# Bubba in 2008



## zogman (Mar 20, 2002)

T. Bubba Bechtol, part time City Councilman from Midland, TX, was asked on a local live radio talk show the other day just what he thought of
the allegations of torture of the Iraqi prisoners. His reply prompted 
his
ejection from the studio, but to thunderous applause from the audience.

"If hooking up an Iraqi prisoner's scrotum to a car's battery cables
will save one American GI's life, then I have just two things to say":

"Red is positive"
"Black is negative"

Gotta Love Bubba


----------



## Longshot (Feb 9, 2004)

:toofunny: :jammin:

Thanks for the laugh!


----------



## Militant_Tiger (Feb 23, 2004)

Thats actually pretty sad.


----------



## KEN W (Feb 22, 2002)

MT....I agree...since when is torturing someone in our best interests?

What if the shoe was on the other foot?....Iraquis hooking up US soldiers by the scrotum to a car battery?Not so funny now is it?

Do you think old Bubba would be laughing if his balls were hooked up to a car battery?....He would be crying for mercy....not laughing. :eyeroll:


----------



## njsimonson (Sep 24, 2002)

That was HILARIOUS!

Not the torture part, but the "red is positive, black is negative" joke. Still LMAO!!!


----------



## Longshot (Feb 9, 2004)

Some people don't have a sense of humor.

Of course you don't see our military cutting peoples' heads off.


----------



## MOB (Mar 10, 2005)

removed


----------



## Militant_Tiger (Feb 23, 2004)

Longshot said:


> Some people don't have a sense of humor.
> 
> Of course you don't see our military cutting peoples' heads off.


Right, just one step below. You must realize that the less we seperate ourselves from our enemies in said respect the less people will see us as the good side. We must not use any of their techniques, we are above and better than they are. You teach by example.


----------



## huntin1 (Nov 14, 2003)

Militant_Tiger said:


> Longshot said:
> 
> 
> > Some people don't have a sense of humor.
> ...


Exactly right, teach by example, right up to the point where it becomes glaringly apparent that the example you are using doesn't work, Then you find different means to teach. In the case of some of the people our military is dealing with, they understand one thing, and one thing only, violence. And why not use their techniques once we determine that ours are not working. I bet you would like to see fur lined handcuffs for our criminals here at home too.

I'm not sure how far it should go, I'm not there dealing with the crap that they are on a daily basis. I'm also not sure of Bubba's meaning here, it looks more like a metaphor, like he is saying we need to use methods that the insurgents understand and that will ensure the safety of our troops.

huntin1


----------



## Militant_Tiger (Feb 23, 2004)

> And why not use their techniques once we determine that ours are not working. I bet you would like to see fur lined handcuffs for our criminals here at home too.

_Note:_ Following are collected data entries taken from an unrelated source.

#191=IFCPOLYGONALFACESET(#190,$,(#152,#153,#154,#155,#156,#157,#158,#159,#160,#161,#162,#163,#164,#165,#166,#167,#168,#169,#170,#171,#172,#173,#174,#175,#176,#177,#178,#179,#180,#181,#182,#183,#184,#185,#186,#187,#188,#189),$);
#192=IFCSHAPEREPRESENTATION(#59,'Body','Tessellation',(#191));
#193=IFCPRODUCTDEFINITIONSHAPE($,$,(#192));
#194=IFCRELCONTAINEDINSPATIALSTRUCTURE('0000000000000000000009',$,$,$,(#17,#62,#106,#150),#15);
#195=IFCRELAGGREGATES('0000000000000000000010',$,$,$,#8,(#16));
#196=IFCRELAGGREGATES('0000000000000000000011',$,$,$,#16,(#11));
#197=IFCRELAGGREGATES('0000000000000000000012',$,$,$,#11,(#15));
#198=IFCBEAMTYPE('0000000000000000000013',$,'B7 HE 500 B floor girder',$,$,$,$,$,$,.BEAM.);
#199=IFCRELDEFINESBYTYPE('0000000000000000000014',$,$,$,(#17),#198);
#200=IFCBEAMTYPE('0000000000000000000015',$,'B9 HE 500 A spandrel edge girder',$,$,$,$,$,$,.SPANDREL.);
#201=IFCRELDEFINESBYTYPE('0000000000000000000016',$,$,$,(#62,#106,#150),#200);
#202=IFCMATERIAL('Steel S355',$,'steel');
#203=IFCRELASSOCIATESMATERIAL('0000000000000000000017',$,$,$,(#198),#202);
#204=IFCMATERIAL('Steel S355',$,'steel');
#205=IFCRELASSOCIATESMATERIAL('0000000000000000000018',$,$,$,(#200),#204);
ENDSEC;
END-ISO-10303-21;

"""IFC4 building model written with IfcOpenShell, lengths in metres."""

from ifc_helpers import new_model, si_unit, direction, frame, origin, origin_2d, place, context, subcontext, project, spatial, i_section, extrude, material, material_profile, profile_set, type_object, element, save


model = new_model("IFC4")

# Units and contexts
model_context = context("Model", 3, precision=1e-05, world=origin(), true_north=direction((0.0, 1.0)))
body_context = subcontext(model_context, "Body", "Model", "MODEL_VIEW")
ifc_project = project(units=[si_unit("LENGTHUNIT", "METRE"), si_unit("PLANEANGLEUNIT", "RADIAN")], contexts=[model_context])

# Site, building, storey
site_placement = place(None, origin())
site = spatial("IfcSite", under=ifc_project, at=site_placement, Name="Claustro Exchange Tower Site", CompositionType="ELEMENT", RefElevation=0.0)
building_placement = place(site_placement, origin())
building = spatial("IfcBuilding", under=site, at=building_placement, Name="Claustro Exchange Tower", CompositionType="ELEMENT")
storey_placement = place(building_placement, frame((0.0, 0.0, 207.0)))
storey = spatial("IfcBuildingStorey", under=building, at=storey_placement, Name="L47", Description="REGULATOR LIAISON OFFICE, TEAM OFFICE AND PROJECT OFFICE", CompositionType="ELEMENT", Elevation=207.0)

If you we the same barbaric techniques as our enemies, what exactly makes us better than them? In that case they may as well be the ones invading us, it would make no difference.

As to the deterent, I suppose we could relate it to capital punishment here. It really does not deter crime, just as it won't deter violence over there. It will simply make us look like the bad guys.


----------



## Plainsman (Jul 30, 2003)

The original joke was moderately humorous, but the people who took it serious are absolutely hilarious. Wow, has anyone heard of black humor. As if anyone, in their right mind, is going to torture someone. Hunt1 is perhaps the closest to what Bubba was inferring.

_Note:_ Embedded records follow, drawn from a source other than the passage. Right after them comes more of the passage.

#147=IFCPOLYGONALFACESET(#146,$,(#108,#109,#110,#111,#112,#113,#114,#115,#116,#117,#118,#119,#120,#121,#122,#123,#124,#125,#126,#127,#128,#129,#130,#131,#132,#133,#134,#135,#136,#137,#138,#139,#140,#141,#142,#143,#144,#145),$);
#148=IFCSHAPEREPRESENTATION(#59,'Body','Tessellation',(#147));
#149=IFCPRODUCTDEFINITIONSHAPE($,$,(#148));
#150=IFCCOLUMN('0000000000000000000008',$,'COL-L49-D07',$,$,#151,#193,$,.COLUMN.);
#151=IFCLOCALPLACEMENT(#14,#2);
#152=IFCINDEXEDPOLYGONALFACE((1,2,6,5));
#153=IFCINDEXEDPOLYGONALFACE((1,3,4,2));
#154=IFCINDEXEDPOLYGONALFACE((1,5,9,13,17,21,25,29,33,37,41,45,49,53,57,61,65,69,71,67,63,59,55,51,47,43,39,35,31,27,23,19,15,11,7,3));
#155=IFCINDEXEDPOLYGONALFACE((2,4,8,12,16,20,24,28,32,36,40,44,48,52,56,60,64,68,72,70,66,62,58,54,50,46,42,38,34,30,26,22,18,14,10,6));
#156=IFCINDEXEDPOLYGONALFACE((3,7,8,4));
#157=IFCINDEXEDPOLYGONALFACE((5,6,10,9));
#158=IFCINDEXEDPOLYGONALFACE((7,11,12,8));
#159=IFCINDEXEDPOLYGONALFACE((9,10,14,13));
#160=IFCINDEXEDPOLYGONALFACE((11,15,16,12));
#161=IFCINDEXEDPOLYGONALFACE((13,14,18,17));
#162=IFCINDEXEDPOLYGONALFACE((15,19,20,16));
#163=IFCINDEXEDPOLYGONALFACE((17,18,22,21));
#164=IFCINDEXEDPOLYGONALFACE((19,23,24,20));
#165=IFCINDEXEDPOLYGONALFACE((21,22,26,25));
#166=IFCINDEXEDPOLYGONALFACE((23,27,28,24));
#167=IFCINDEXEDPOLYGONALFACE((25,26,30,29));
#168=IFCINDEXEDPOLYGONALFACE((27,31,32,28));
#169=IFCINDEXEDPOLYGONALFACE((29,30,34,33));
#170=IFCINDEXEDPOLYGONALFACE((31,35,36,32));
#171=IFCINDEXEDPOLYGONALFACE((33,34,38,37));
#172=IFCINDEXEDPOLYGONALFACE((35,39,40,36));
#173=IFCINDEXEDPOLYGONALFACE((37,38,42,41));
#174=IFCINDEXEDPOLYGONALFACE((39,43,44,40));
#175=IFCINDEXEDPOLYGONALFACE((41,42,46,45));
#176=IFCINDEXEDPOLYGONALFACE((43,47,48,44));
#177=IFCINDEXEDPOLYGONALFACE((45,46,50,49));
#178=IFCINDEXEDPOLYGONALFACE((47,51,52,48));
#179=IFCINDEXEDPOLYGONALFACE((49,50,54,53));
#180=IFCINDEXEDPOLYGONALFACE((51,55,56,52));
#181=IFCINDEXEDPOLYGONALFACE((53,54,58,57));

I think everyone on this site is intelligent, therefore the only explanation is some want to take it serious, or at least set up the pretense that those who normally oppose their views are so Neanderthal that they would resort to torture. No sorry fellows, you don't have the corner on compassion or humanitarian values.

No wonder we argue on here. The vast majority of Americans are better, always have been, always will be. I sure am glad I don't see the world through your eyes.


----------



## zogman (Mar 20, 2002)

Plainsman,
Please lock this thread. As the person who started it I was wrong. There are too many people on this site that can't take a joke. I personally like a little levety in life but I guess I am the minority. If any one wants a few clean jokes once in a while send me a pm with your e-mail address. Guess it's a waste to post them here.


----------



## Gohon (Feb 14, 2005)

> Guess it's a waste to post them here.


I thought it was funny .......... even copied and sent it to some friends. 
Hey, did you hear about the one about ........................


----------



## IAHunter (Sep 1, 2003)

I'm politacally incorrect. I thought it was very humerous. Why? Nobody was caused bodily harm by the JOKE. Please differentiate between humor and action. Now, if the story had been about Bubba grabbing an Arab off the street and attaching battery cables to the guys testicles, different point ENTIRELY. For those of you that didn't find it funny, ever tell a blonde joke? How about ethnic jokes? Swedes, Norwegian, Jewish, Black, White, Asian? Ever act any of them out? Of course not.

IaHunter


----------



## Plainsman (Jul 30, 2003)

Even as an old geezer I am still a little bit of a rebel. I am so tired of PC Police that I thoroughly enjoy politically incorrect humor simply because it blows a pansies bloomers up. It wouldn't bother me so much if people didn't attach more importance to words than actions, more importance to symbolism over substance.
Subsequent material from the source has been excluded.